Just wondering if there is an easy way to program the Onkyo 708 listening modes into a Logitec Universal remote?

On the original remote you select either "Movie", "Music" etc then you select the actual listening mode within say "Movie" by toggling though them by continually pressing the "Movie" button.

On my universal remote can I preprogram to select directly, say the third option within the "Movie Mode" it may be THX Cinema.
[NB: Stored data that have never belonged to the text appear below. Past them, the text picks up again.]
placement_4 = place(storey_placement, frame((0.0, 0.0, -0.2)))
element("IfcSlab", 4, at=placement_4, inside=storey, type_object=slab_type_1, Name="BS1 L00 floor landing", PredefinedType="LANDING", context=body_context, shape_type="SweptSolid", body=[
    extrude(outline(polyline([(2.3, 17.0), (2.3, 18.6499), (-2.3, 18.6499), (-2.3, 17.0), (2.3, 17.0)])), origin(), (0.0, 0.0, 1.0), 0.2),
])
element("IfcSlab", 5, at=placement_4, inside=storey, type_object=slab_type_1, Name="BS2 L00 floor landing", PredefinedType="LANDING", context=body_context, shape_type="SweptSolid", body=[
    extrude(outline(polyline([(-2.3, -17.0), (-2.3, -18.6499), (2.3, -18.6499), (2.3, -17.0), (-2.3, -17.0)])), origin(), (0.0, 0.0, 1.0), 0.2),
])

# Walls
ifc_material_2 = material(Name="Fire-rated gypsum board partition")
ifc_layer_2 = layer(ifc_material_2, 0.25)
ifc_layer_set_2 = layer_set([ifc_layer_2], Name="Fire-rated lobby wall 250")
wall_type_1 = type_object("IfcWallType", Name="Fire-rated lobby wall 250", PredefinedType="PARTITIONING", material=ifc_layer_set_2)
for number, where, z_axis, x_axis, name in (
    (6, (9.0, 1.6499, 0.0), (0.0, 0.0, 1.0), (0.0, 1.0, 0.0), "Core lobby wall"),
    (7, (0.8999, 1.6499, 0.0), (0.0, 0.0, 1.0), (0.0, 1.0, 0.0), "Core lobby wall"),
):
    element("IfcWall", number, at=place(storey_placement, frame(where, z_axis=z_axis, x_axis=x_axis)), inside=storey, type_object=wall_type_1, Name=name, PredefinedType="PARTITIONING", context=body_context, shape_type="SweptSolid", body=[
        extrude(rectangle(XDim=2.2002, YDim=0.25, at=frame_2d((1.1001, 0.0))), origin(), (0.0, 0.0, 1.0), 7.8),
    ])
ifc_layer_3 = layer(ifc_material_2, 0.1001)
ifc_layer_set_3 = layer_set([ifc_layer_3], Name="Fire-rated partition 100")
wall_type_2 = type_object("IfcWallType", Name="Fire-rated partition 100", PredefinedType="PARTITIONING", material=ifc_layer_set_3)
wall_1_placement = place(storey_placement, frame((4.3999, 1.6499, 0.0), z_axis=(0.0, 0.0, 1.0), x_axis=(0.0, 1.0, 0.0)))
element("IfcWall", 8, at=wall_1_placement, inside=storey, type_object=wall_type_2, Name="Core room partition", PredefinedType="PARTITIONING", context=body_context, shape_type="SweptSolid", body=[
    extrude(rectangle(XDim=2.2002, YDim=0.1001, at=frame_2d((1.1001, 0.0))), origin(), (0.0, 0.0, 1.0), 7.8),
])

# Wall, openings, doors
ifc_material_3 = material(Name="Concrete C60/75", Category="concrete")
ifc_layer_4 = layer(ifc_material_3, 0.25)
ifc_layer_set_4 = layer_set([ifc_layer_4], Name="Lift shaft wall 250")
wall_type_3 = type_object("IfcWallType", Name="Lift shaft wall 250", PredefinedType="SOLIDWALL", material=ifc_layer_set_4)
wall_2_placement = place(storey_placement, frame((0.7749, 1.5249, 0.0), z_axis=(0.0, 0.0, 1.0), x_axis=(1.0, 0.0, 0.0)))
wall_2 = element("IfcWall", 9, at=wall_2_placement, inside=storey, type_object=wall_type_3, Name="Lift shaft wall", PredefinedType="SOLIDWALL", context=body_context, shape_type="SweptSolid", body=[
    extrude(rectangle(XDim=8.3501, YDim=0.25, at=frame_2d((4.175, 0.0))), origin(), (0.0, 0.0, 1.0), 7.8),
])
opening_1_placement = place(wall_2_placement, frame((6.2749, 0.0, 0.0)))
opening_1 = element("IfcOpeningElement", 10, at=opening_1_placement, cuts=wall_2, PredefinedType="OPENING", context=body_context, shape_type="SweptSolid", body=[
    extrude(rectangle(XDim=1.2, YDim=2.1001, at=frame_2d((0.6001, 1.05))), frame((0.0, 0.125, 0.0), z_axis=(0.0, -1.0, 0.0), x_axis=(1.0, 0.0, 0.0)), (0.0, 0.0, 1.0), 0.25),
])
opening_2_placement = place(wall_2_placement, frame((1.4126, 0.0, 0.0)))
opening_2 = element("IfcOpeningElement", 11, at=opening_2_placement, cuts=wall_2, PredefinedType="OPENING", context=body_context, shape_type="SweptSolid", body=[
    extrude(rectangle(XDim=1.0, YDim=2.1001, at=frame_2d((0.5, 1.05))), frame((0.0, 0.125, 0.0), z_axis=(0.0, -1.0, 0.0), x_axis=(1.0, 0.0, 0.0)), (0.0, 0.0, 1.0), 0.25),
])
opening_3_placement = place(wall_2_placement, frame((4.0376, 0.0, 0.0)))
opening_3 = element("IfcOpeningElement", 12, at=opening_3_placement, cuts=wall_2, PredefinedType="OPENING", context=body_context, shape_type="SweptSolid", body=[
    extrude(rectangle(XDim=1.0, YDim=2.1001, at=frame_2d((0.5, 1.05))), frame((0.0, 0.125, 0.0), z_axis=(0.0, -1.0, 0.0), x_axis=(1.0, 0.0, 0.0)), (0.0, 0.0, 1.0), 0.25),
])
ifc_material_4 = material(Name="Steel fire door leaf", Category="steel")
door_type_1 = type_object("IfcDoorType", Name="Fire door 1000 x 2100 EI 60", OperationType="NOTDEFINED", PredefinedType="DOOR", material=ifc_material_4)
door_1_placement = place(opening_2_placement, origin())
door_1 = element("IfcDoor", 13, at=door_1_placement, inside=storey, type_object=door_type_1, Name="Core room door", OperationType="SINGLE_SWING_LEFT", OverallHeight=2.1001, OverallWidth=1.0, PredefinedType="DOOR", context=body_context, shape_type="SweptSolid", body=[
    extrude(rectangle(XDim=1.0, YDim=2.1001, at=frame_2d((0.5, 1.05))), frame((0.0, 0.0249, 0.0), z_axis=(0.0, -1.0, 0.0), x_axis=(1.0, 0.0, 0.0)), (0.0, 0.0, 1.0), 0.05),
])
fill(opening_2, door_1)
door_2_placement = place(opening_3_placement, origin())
Or do I have to just use the "Movie" button and toggle through until I find THX Cinema?


Mark


----------



## recruit (May 9, 2009)

Mark, I have moved your post here and changed the title as hopefully someone should be able to help better here


----------



## recruit (May 9, 2009)

Mark, seeing that no one has tried to answer your question it probably means that they cannot help, have you tried emailing Logitec for a definitive answer?


----------



## organm (Dec 5, 2009)

Recruit,

I have programmed the "Music", "Movie" and "THX" modes into the Logitech and simply toggle through the different options in each mode. 


Mark


----------



## nholmes1 (Oct 7, 2010)

I just checked in the RTI and URC database and there are very extensive controls for sound fields, so the unit is capable of receiving the command for just Movie as you asked. That said the harmony remotes being programmed with their wizard system may not have the option to send the individual command. Unfortunately when you dumb down the programming for the masses you do lose out on customization. No that is not a knock on Harmony just the truth of the matter and can be applied to many other situations.


----------